Russian artillery was also pounding the Lysychansk-Bakhmut road, which Russia must take to close a pincer movement and encircle Ukrainian forces, and police said there was “significant destruction” in Lysychansk.

Russia’s defence ministry said its troops and allied separatist forces were in full control of the town of Lyman, the site of a railway junction west of the Siverskiy Donets River in the Donetsk. However, Ukraine’s deputy defence minister, Hanna Malyar, said the battle for Lyman continued.

Control of Lyman would give Russia’s military another foothold in the region. It has bridges for troops and equipment to cross the Siverskiy Donets River, which has so far impeded the Russian advance into the Donbas.

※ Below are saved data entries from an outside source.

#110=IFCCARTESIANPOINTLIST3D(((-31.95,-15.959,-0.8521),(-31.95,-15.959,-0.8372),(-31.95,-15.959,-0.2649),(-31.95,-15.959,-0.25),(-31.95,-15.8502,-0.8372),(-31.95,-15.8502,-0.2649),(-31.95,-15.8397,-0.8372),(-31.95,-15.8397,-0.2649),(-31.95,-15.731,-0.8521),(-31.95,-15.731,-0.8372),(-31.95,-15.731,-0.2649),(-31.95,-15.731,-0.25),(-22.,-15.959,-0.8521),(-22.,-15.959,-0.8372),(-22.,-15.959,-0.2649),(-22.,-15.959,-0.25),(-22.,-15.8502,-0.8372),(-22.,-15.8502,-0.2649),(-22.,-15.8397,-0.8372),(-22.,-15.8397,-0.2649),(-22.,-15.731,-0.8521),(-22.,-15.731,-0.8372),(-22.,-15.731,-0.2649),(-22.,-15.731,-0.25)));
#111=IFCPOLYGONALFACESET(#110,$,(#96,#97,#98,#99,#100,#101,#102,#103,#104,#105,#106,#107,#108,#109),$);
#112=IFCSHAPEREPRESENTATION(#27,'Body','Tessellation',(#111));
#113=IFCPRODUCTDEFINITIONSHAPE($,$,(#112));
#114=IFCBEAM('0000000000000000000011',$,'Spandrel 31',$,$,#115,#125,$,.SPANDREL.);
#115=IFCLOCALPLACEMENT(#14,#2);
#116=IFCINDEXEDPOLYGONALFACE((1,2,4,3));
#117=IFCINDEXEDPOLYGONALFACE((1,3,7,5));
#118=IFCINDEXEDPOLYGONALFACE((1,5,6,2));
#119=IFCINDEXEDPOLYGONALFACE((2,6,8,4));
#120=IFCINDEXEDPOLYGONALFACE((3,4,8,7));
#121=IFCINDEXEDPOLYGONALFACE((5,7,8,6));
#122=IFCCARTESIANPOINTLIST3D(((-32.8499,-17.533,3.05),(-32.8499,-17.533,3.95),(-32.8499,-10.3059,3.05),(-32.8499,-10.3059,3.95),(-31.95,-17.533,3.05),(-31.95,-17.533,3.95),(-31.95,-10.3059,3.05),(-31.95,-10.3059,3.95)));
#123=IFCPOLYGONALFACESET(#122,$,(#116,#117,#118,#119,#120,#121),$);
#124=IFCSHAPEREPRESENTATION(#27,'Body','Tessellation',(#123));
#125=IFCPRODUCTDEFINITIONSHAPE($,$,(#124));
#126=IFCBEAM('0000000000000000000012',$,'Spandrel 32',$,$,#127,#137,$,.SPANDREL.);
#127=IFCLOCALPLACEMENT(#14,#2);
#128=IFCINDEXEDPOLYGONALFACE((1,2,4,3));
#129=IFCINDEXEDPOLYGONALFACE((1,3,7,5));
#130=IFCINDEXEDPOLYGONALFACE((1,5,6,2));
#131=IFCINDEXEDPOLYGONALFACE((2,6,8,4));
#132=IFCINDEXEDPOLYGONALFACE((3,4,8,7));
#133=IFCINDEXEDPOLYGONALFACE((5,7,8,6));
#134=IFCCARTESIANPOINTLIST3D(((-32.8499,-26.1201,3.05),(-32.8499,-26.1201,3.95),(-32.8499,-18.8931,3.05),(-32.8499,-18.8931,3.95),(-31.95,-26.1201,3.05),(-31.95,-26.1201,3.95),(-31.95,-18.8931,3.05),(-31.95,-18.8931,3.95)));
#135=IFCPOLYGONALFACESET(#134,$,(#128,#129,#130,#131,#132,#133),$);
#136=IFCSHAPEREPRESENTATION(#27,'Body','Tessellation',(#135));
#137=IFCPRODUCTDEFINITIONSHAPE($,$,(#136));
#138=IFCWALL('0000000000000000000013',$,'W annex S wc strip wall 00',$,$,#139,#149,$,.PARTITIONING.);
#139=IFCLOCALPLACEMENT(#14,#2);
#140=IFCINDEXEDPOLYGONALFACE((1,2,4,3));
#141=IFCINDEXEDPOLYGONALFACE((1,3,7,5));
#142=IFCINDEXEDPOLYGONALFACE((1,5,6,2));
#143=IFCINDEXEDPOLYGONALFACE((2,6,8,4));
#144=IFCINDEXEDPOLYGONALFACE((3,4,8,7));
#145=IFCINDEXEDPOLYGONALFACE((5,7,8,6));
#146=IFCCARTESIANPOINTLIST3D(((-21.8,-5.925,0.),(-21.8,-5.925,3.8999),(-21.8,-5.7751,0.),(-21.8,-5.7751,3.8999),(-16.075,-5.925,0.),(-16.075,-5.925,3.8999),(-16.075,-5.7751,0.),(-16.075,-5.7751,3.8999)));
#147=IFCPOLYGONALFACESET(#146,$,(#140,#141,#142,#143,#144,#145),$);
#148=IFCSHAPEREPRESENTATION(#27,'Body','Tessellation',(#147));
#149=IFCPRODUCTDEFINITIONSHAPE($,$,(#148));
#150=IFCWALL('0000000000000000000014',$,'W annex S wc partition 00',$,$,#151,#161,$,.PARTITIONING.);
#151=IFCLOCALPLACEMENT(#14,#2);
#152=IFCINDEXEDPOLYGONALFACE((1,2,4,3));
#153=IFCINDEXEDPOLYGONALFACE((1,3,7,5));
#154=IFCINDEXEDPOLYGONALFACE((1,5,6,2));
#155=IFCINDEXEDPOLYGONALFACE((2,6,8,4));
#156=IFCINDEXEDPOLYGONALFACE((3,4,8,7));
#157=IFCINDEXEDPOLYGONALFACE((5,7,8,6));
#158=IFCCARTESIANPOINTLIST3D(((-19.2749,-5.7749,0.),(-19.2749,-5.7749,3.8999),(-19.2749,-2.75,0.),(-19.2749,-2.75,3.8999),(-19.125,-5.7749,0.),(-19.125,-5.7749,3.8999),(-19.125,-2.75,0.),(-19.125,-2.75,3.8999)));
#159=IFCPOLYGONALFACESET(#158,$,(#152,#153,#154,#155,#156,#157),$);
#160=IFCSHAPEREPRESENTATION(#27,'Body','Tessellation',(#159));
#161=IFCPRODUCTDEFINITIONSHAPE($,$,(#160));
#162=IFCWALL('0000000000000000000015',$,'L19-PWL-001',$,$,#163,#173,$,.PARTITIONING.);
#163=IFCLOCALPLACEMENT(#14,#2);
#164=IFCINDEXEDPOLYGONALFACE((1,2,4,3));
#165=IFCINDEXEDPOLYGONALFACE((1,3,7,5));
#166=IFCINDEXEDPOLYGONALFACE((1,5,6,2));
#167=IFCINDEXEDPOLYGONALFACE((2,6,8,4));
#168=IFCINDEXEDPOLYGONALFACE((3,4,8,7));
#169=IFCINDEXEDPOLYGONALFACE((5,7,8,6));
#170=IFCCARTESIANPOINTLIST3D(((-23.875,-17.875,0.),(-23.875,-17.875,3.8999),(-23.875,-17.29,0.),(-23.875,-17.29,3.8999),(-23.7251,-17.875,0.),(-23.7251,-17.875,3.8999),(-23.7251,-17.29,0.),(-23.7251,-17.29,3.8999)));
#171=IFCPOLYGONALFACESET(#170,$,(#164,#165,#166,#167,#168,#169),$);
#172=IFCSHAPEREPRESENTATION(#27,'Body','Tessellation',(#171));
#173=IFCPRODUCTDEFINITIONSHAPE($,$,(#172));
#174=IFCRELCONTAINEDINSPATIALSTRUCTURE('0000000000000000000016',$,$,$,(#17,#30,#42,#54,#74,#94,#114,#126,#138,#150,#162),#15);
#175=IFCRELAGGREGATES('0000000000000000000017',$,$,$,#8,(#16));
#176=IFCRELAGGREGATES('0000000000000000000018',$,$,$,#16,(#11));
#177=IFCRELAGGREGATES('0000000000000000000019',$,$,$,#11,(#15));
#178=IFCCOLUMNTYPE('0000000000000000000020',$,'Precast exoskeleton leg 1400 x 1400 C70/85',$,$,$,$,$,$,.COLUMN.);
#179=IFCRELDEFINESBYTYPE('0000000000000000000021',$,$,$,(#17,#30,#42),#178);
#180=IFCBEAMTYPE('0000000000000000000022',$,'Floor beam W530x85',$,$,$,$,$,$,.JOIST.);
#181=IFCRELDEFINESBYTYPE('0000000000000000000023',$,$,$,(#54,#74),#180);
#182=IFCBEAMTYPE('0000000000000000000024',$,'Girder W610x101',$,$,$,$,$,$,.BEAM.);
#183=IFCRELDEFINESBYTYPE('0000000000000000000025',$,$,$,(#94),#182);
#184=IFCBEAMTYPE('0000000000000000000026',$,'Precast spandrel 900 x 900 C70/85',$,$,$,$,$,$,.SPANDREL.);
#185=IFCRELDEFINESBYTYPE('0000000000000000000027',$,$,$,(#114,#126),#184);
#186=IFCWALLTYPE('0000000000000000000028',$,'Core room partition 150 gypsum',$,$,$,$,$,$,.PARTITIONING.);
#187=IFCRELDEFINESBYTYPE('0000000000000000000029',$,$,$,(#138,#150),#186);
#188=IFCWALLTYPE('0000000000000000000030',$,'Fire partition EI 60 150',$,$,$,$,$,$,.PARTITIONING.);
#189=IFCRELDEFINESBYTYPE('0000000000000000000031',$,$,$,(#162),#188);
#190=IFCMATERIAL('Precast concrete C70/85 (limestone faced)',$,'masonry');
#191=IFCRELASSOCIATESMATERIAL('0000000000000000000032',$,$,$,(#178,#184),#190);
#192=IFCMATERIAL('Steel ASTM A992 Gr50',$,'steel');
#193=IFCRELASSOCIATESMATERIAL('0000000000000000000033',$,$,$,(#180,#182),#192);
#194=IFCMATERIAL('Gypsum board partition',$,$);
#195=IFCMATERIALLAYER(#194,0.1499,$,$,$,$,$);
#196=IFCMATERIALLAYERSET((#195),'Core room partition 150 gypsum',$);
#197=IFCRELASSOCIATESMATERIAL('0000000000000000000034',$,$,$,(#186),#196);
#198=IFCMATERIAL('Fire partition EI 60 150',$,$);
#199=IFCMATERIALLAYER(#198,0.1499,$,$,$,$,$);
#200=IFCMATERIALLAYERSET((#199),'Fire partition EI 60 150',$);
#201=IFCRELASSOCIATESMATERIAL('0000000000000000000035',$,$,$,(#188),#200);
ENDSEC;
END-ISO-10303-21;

Severodonetsk is 60km (37 miles) from Lyman on the eastern side of the river and is the largest Donbas city still held by Ukraine.

‘Nothing to fight back with’

Ukrainian presidential adviser and peace negotiator Mykhailo Podolyak repeated a call for US-made long-range multiple-rocket launchers.

“It is hard to fight when you are attacked from 70km away and have nothing to fight back with … We need effective weapons,” Podolyak posted on Twitter.

Russia’s ambassador to the United States, Anatoliy Antonov, said on Saturday that such a move would be “unacceptable” and admonished the White House to “abandon statements about the military victory of Ukraine”.

Having failed to capture the Ukrainian capital Kyiv early in the three-month-old war, the Russians set out to seize parts of the eastern industrial region Donbas not already controlled by pro-Moscow separatists.

Russia says it is waging a “special military operation” to demilitarise Ukraine and rid it of nationalists threatening Russian speakers there. Ukraine and Western countries say Russia’s claims are a false pretext for a war of aggression.

Thousands of people, including many civilians, have been killed and several million have fled their homes, either for safer parts of Ukraine or other countries.